Naive
KnuthBendix.KBPlain — TypeKBPlain <: CompletionAlgorithmRun the Knuth-Bendix procedure that (if successful) yields the reduced, confluent rewriting system generated by rules of rws.
This is a simplistic algorithm for educational purposes only. It follows closely KBS_1 procedure as described in Section 2.5[Sims1994], p. 68.
Forced termination takes place after the number of rules stored in the RewritingSystem exceeds max_rules.
This version is a simplistic implementation of the completion that is terrible to run and great for understanding the general idea. It can be used on a rws by calling
knuthbendix(KnuthBendix.Settings(KnuthBendix.KBPlain()), rws)By default the algorithm breaks after 100 of rewriting rules has been found and prints its progress with much verbosity. To control this behaviour Settings struct has many knobs and whistles.
Below is a julia-flavoured pseudocode describing the completion procedure.
function knuthbendix1(rws::RewritingSystem; kwargs...)
for ri in rules(rws)
for rj in rules(rws)
forceconfluence!(rws, ri, rj)
ri == rj && break
forceconfluence!(rws, rj, ri)
end
# Maybe some checks here, etc.
end
return rws
endHere forceconfluence! finds all potential failures to local confluence in rws that arise as intersection of rules ri and rj, and deriverule! resolves them. This means that all suffix-prefix words are identified (see Local confluence and suffix-prefix words) and the appropriate rules to resolve the failures in rewriting are pushed to rws. This extends[1] the iteration over rules(rws) and the outer loop becomes longer.
An important feature is that while the outer loop (for ri in rules(rws)) is potentially infinite, the inner one (for rj in rules(rws)) is always broken after a finite number of steps.
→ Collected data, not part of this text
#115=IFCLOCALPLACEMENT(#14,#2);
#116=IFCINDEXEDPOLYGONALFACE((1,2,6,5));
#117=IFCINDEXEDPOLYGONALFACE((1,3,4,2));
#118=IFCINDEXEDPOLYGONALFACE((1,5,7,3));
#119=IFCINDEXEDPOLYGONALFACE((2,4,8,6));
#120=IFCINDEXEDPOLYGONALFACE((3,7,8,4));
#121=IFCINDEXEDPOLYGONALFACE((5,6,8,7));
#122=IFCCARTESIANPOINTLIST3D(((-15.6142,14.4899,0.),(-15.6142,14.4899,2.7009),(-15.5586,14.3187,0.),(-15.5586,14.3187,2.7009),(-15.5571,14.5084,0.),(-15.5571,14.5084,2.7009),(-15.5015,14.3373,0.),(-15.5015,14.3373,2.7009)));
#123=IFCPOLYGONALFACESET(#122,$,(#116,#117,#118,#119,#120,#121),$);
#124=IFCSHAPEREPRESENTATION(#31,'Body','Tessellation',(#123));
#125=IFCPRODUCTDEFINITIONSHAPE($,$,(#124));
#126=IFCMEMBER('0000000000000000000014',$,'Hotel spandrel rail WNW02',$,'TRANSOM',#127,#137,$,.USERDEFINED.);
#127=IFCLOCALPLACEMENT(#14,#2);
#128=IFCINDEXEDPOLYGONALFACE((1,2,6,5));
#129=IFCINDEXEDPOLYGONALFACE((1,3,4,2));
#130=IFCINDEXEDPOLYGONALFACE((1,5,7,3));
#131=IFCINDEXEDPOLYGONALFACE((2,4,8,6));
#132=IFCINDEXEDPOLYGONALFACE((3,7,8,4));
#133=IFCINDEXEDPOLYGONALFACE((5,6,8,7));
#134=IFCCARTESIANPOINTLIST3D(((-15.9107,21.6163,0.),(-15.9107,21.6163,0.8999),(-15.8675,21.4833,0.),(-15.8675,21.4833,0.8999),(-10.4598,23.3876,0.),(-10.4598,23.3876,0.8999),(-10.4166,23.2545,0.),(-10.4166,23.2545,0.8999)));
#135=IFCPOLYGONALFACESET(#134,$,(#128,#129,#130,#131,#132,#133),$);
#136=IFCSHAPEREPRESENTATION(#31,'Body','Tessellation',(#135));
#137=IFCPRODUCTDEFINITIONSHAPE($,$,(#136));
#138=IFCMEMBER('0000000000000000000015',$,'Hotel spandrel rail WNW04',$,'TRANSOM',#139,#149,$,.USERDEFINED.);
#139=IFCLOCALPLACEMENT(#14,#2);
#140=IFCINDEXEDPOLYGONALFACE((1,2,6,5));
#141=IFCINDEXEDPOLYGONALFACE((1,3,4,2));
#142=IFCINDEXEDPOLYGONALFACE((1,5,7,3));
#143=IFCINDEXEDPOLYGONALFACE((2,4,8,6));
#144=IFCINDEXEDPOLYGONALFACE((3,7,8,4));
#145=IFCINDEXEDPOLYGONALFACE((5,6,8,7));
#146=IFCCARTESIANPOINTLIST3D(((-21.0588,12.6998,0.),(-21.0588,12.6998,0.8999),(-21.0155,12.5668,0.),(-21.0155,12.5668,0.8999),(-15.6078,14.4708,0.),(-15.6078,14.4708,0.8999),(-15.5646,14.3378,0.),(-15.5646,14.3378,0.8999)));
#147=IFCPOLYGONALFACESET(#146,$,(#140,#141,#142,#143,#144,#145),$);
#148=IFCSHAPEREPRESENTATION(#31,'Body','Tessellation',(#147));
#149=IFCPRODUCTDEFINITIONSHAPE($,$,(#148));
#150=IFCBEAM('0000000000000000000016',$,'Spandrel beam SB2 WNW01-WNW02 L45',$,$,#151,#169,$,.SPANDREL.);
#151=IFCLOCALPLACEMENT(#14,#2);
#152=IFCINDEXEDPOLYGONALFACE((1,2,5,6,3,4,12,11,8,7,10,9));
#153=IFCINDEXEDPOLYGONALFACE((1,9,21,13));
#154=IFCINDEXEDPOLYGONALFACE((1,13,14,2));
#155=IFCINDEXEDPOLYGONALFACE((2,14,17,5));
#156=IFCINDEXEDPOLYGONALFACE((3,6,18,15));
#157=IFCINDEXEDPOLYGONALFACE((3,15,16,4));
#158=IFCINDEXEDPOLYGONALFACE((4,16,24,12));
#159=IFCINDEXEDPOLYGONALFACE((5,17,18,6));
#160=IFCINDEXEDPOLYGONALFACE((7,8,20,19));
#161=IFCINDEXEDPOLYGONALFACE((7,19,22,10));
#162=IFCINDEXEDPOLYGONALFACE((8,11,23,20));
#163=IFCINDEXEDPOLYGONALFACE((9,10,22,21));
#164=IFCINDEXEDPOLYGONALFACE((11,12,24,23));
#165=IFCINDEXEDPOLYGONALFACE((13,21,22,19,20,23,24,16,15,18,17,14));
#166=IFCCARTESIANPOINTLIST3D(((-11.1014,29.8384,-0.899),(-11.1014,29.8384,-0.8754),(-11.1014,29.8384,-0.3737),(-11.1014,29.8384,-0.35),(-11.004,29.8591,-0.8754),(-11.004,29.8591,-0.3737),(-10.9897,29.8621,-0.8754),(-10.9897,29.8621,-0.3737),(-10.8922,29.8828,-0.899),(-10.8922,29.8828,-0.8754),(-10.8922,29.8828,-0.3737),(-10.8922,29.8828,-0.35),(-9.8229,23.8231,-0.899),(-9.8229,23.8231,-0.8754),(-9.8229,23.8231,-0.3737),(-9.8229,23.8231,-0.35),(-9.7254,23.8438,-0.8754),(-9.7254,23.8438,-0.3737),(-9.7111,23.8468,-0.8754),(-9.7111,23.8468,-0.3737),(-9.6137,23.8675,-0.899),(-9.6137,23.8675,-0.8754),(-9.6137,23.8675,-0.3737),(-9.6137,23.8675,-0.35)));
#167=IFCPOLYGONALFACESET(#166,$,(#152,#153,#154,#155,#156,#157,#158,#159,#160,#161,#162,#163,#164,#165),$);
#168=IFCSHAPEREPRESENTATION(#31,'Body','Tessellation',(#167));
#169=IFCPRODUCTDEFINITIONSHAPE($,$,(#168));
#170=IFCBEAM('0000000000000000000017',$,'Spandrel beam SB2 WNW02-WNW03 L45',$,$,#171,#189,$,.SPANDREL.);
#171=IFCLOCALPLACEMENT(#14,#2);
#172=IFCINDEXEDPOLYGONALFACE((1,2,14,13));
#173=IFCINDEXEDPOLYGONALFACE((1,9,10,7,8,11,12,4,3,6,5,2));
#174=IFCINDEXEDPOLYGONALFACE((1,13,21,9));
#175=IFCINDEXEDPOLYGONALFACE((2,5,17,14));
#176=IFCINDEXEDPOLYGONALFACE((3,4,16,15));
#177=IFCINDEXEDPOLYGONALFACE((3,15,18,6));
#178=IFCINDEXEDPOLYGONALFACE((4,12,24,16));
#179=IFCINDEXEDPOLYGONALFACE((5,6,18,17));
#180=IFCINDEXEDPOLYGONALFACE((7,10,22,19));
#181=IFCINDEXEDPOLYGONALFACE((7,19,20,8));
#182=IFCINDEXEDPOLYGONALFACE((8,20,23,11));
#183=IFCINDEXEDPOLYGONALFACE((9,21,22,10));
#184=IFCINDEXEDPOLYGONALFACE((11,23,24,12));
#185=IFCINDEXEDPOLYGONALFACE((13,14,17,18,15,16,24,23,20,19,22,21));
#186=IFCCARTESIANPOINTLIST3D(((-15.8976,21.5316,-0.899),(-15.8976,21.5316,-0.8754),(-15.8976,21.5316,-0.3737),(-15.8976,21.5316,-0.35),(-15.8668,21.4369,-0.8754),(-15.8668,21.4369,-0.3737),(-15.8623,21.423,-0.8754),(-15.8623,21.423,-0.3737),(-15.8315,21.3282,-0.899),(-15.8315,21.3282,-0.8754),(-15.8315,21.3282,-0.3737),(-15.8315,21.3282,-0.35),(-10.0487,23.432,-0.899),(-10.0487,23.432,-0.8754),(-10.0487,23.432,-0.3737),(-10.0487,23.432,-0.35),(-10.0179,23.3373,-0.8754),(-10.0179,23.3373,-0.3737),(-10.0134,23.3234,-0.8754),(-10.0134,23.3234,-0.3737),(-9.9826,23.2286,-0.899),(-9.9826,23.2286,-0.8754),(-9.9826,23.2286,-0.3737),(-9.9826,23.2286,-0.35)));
We therefore traverse (potentially) doubly infinite iteration space in finite chunks which guarantees that each pair of rules will be considered after a finite amount of time. Completion even for very simple rewriting systems may fail if this condition is not observed.
As a side-effect we may choose to run some checks etc. after the inner loop is and we could e.g. decide to quit early (if things go out of hand) or do something else.
Internal functions
KnuthBendix.forceconfluence! — Methodforceconfluence!(rws::AbstractRewritingSystem, r₁, r₂)Examine overlaps of left hand sides of rules r₁ and r₂ to find (potential) failures to local confluence. New rules are added to assure local confluence if necessary.
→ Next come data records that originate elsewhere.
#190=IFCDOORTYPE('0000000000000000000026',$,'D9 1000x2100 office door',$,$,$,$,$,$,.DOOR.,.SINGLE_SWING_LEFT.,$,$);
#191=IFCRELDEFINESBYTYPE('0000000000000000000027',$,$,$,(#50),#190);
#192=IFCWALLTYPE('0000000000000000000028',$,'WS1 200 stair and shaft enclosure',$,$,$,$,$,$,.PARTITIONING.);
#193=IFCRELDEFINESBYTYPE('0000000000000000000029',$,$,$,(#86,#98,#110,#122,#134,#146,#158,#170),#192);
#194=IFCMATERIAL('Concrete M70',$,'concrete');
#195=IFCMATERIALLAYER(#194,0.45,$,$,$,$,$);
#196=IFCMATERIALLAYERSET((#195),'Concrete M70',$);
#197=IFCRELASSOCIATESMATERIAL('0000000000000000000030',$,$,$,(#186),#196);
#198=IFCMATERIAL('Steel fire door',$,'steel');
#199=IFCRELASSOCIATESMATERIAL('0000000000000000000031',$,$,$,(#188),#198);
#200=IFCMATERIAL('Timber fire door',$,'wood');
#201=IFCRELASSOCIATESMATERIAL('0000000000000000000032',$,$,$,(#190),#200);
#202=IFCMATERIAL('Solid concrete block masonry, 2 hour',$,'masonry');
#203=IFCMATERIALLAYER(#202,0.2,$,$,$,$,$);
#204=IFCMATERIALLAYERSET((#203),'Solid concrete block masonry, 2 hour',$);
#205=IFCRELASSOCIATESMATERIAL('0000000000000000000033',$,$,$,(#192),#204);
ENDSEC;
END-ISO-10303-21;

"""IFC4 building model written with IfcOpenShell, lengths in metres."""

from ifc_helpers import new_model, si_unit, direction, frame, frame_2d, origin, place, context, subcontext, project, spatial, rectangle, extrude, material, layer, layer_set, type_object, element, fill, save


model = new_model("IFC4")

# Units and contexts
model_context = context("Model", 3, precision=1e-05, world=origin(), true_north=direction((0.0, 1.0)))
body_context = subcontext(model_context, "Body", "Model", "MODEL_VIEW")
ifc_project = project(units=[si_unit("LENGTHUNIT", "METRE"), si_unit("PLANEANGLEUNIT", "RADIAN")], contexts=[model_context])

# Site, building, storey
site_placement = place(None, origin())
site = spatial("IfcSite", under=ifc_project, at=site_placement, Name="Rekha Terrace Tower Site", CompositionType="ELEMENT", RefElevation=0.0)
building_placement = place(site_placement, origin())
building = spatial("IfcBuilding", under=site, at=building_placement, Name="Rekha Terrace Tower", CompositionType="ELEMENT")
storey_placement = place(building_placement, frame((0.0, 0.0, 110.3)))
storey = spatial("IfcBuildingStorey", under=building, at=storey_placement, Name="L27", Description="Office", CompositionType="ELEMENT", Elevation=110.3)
Suppose that r₁ = (lhs₁ → rhs₂) and r₂ = (lhs₂ → rhs₂). This function tries to write lhs₁ = a·b and lhs₂ = b·c so that word a·b·c can be rewritten in two potentially different ways:
a·b·c / \ / \ rhs₁·c a·rhs₂
thus a (potentially) critical pair (rhs₁·c, a·rhs₂) needs to be resolved in the rewriting system.
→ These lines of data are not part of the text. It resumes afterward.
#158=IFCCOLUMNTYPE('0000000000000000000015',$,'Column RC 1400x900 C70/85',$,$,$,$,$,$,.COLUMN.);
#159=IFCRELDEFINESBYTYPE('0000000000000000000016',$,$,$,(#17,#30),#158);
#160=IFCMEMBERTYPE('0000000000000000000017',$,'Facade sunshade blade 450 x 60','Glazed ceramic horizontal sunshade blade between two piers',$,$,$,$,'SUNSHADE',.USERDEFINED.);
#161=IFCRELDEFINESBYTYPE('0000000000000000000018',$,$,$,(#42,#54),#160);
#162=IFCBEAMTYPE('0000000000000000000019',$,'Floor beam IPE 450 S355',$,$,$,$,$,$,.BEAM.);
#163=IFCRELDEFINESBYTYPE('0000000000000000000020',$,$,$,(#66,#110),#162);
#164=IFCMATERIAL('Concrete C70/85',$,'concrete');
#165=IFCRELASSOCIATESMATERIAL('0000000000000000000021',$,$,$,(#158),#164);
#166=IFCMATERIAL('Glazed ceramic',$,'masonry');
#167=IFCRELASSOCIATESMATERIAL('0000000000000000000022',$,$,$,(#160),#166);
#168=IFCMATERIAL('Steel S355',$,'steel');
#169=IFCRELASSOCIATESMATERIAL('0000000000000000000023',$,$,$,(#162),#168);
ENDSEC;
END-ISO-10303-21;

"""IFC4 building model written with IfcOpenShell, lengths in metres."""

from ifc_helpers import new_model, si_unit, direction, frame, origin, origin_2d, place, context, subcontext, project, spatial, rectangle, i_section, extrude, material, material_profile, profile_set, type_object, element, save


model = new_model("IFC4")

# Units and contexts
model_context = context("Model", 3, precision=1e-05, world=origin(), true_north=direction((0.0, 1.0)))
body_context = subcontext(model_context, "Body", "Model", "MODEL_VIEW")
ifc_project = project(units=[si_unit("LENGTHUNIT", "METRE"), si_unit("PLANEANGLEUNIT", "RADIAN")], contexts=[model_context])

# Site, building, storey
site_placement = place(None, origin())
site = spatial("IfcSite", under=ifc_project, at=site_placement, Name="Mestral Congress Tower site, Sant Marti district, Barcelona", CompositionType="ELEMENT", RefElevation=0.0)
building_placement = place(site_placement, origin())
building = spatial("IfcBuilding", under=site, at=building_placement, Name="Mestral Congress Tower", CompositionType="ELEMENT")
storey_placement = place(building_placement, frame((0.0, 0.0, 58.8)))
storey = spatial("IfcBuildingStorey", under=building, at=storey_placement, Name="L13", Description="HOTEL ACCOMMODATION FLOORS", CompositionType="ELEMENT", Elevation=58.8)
It is not assumed that rws is reduced, and therefore also the case when lhs₁ = a·lhs₂·c with non-trivial c is examined.
See procedure OVERLAP_1 in [Sims1994], p. 69.
KnuthBendix.deriverule! — Methodderiverule!(rws::AbstractRewritingSystem, u::AbstractWord, v::AbstractWord)Given a critical pair (u, v) with respect to rws adds a rule to rws (if necessary) that resolves the pair, i.e. makes rws locally confluent with respect to (u,v). See [Sims1994], p. 69.
KnuthBendix.reduce! — Methodreduce!(::KBPlain, rws::RewritingSystem)Bring rws to its reduced form using the naive algorithm.
The returned system consists of rules p → rewrite(p, rws) for p in irreducible_subsystem(rws).
KnuthBendix.irreducible_subsystem — Functionirreducible_subsystem(rws::AbstractRewritingSystem)Return an array of left sides of rules from rewriting system of which all the proper subwords are irreducible with respect to this rewriting system.
Example from theoretical section
To reproduce the computations of the Example one could call knuthbendix(KnuthBendix.KBPlain(), rws) which prints step-by-step information:
julia> alph = Alphabet([:a,:A,:b],[2,1,0])
Alphabet of Symbol
1. a (inverse of: A)
2. A (inverse of: a)
3. b
julia> a,A,b = [Word([i]) for i in 1:length(alph)]
3-element Vector{Word{UInt16}}:
Word{UInt16}: 1
Word{UInt16}: 2
Word{UInt16}: 3
julia> relations = [(b^3, one(b)), (a*b, b*a)]
2-element Vector{Tuple{Word{UInt16}, Word{UInt16}}}:
(3·3·3, (id))
(1·3, 3·1)
julia> rws = RewritingSystem(relations, LenLex(alph))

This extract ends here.